I'm not going to attempt to estimate the Ravens' chances of scoring on that drive. Instead, I'm going to look at a similar but broader question, and I'll let you decide how or if it applies to this situation. The question is this: when a team plays bad offense for three quarters, does it play bad offense in the fourth?

Here's what I did.

I looked at every game from 1983 to 2007 which was tied after three quarters. I wanted to restrict the sample to tied-after-three-quarters games to eliminate as much as possible the possibility that garbage time points would pollute the results. Since I've got a quarter-century's worth of games, I can do that and still have a decent sized sample, more than 300 games.

To establish an expectation for a given team's offense, I used the Vegas line and over-under to generate a projected point total for each team. For example, the Ravens were a 3-point underdog against the Titans and the over-under was 33.5. Putting these together implies an expectation of about 15.25 points for Baltimore (and 18.25 for the Titans). [yes, we now have Vegas lines back to 1983, and yes, they will be integrated into the site soon.]

In all those games, the teams scored, on average, 68.8% of their points in the first three quarters, and 31.2% in the fourth (I ignored overtimes).

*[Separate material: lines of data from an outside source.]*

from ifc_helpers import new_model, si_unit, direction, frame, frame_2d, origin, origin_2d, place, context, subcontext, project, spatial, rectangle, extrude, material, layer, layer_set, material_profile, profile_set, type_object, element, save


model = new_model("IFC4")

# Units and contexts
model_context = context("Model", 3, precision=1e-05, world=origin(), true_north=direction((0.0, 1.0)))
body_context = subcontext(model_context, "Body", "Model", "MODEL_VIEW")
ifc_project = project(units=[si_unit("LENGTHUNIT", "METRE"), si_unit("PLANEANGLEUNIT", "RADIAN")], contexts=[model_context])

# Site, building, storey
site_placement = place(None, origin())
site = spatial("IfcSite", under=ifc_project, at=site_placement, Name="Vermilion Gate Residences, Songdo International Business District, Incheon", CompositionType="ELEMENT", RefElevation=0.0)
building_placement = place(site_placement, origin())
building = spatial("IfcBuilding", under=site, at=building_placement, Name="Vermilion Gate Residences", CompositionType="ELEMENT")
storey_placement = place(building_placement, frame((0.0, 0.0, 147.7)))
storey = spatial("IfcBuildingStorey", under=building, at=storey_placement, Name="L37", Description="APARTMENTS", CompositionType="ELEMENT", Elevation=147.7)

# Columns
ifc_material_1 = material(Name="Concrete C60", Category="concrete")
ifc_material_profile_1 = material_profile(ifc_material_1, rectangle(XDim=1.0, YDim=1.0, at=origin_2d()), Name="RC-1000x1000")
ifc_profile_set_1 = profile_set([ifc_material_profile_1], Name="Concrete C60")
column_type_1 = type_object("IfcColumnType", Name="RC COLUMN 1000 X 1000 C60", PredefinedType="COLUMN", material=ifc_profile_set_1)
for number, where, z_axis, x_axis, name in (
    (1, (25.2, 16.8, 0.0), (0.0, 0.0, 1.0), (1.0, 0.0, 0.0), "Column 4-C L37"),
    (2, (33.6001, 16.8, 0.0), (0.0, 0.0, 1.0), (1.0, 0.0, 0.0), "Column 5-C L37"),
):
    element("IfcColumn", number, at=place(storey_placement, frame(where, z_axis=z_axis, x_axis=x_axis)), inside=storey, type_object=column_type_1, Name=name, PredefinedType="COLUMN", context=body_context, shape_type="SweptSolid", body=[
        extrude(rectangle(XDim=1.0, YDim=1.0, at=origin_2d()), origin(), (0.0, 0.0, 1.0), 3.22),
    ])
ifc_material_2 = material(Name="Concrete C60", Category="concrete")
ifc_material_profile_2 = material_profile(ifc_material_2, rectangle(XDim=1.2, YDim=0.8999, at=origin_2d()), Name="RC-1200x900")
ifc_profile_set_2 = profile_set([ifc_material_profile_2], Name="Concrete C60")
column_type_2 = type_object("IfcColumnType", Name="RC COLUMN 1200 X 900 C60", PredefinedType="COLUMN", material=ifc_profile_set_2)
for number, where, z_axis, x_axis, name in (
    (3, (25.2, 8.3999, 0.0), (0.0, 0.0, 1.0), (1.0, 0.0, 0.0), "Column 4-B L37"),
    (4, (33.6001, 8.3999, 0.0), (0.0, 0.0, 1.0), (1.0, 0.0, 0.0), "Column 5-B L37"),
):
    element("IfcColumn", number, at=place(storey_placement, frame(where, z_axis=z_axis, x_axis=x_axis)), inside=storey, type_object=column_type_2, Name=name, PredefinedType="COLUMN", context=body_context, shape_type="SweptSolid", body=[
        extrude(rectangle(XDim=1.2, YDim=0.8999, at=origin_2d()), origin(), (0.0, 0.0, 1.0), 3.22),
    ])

Therefore I declared that an offense was having a Bad Day if, during the first three quarters of their game, they scored less than 68.8% of their projected point total. Otherwise, they were having a Good Day.

Then I looked at the actual fourth quarter points for each team, and compared that to the projected fourth quarter points (which would be 31.2% of the overall projected points). Here are the averages for each group:

Teams that were having a bad day through three quarters
First three quarters: 5.00 points below their projected first-3-quarters total. (1.67 points per quarter)
Fourth quarter: 0.41 points below projected 4th-quarter total.

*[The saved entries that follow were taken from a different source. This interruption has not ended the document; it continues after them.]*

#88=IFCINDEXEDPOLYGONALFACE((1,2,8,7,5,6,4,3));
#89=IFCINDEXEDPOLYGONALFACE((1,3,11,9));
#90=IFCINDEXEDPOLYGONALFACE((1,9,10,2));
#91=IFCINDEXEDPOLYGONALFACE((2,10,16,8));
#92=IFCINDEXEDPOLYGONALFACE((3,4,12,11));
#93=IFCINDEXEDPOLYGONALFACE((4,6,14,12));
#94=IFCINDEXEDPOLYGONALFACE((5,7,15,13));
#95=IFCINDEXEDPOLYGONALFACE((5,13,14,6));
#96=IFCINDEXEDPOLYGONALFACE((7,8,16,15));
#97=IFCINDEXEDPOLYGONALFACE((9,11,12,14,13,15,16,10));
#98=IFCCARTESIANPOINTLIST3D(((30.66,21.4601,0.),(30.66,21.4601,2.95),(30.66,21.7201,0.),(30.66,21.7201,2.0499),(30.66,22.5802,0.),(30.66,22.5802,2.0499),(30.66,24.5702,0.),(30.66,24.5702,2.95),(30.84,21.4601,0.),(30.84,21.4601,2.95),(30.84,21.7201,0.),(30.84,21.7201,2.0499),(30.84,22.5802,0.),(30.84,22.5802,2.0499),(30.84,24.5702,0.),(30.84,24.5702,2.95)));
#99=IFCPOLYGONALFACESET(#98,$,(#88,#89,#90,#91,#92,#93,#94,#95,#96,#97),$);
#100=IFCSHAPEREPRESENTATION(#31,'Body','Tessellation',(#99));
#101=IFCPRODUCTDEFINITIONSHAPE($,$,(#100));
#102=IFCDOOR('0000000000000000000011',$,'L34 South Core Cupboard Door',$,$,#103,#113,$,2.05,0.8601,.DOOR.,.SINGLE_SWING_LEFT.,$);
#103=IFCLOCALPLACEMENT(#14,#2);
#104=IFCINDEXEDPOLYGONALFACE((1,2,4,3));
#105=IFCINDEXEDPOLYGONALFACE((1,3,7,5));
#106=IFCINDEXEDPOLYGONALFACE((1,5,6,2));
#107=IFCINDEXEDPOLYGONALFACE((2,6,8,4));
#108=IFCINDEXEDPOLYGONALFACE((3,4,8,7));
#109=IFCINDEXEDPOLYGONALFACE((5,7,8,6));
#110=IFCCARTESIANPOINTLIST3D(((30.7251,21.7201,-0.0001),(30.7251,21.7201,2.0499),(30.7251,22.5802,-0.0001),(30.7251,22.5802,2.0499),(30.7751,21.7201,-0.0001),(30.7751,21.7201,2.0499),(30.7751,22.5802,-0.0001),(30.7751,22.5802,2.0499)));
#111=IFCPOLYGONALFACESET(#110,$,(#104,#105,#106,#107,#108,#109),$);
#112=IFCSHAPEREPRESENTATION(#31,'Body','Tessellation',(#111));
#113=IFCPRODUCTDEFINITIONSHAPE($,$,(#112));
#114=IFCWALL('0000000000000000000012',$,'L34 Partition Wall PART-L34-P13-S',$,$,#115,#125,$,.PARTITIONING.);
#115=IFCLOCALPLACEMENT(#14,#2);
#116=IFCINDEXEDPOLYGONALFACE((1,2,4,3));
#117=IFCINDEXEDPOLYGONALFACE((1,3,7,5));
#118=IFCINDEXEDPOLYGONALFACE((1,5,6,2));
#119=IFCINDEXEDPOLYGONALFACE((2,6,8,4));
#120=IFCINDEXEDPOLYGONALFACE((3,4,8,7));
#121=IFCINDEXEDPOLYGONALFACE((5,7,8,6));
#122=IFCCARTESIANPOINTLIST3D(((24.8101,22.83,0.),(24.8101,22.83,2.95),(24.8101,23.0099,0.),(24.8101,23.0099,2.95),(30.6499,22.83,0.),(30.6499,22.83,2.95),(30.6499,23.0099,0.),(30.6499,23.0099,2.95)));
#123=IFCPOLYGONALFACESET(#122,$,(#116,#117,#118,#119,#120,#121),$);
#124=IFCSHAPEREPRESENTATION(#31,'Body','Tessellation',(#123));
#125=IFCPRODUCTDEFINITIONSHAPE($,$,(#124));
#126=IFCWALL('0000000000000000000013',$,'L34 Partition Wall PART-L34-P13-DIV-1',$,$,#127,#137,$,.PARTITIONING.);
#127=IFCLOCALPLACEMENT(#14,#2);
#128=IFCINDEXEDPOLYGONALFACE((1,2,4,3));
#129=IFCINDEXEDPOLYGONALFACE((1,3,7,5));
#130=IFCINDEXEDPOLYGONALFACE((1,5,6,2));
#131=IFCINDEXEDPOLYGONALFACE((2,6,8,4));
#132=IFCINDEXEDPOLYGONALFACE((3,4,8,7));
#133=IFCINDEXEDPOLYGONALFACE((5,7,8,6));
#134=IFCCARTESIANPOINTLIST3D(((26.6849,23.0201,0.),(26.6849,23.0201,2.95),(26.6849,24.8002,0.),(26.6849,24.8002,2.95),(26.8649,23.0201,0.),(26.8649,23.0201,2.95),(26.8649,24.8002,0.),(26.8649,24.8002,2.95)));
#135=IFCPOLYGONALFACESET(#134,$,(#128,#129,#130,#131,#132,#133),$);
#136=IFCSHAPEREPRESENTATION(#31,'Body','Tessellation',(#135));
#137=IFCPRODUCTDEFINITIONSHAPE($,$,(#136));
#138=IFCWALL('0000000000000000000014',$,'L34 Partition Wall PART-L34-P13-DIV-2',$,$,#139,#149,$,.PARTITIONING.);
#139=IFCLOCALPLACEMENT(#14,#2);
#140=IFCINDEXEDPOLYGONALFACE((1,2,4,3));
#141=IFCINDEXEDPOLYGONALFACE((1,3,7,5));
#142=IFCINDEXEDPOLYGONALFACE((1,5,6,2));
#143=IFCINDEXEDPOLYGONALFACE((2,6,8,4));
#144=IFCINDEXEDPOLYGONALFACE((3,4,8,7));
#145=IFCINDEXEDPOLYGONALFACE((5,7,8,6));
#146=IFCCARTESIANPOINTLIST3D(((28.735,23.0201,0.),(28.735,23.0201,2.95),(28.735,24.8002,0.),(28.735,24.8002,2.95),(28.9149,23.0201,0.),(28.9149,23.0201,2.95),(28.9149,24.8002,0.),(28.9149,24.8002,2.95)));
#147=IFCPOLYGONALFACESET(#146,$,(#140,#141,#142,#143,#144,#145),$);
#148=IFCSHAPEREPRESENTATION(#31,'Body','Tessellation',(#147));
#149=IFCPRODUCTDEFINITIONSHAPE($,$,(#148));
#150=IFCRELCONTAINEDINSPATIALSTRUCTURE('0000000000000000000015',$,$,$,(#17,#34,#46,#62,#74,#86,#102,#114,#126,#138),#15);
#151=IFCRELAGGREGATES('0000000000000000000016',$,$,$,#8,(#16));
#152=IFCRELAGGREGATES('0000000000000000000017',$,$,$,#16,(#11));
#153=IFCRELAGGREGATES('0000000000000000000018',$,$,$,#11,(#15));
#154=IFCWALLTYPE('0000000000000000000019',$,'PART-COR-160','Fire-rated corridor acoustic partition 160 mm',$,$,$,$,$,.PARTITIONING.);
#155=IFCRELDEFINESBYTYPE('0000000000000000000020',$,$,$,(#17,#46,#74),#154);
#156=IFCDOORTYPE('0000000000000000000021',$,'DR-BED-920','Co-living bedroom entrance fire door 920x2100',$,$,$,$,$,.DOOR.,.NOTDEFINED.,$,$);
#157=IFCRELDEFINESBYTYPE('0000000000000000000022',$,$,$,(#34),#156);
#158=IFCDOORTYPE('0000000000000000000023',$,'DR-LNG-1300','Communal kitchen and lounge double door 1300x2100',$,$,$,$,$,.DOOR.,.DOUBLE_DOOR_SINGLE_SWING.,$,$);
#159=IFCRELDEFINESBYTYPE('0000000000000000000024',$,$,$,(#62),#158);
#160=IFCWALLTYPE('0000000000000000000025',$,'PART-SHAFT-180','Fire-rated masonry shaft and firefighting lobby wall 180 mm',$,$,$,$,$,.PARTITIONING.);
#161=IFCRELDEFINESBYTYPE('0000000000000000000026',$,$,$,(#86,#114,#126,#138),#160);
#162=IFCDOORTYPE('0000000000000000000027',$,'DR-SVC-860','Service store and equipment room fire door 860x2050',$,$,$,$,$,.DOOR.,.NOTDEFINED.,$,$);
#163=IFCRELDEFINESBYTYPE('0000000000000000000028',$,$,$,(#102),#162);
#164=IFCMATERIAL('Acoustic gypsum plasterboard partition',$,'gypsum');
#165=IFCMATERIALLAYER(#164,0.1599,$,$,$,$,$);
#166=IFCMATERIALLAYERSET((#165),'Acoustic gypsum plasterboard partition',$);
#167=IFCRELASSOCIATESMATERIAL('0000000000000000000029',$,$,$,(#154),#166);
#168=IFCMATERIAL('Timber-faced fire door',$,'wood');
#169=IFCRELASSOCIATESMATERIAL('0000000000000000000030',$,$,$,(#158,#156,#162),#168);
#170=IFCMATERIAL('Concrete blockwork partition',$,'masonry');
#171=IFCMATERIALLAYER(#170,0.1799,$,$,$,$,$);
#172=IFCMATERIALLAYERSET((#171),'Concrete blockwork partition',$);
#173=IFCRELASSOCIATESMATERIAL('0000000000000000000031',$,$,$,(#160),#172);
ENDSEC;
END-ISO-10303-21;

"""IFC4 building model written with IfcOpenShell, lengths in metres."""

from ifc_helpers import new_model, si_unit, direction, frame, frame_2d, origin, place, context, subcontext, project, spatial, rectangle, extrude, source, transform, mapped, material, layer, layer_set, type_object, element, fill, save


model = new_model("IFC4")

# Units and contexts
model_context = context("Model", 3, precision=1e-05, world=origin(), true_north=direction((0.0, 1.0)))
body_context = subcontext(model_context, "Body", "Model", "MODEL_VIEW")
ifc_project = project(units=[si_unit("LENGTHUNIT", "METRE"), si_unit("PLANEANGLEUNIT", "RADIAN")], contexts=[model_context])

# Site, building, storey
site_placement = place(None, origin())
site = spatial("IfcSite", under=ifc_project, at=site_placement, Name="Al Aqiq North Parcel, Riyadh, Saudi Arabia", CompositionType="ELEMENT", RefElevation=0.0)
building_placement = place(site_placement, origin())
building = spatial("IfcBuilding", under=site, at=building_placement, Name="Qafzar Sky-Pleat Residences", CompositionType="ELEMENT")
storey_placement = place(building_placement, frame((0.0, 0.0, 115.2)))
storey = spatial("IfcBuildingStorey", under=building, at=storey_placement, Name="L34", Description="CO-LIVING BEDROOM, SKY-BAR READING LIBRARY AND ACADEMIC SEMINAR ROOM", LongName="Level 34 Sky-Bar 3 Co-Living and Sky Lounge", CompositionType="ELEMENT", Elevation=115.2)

Teams that were having a good day through three quarters
First three quarters: 6.28 points above their projected first-3-quarters total. (2.09 points per quarter)
Fourth quarter: 0.64 points above projected 4th-quarter total.

The Bad Day teams went from 1.67 points per quarter below expectation to .41 points per quarter below expectation. The Good Day teams went from 2.09 PPQ above expectation to .64 points above. In both cases, the teams' fourth quarter performances, on average, landed roughly a quarter to 30% of the way between their prior expectation and their in-that-game expectation, closer to the prior expectation.

So the pre-game estimate seems to be a bit better than the game-so-far estimate, if you had to pick just one of them. But it might be wrong to not adjust it at all based on the results of the first three quarters.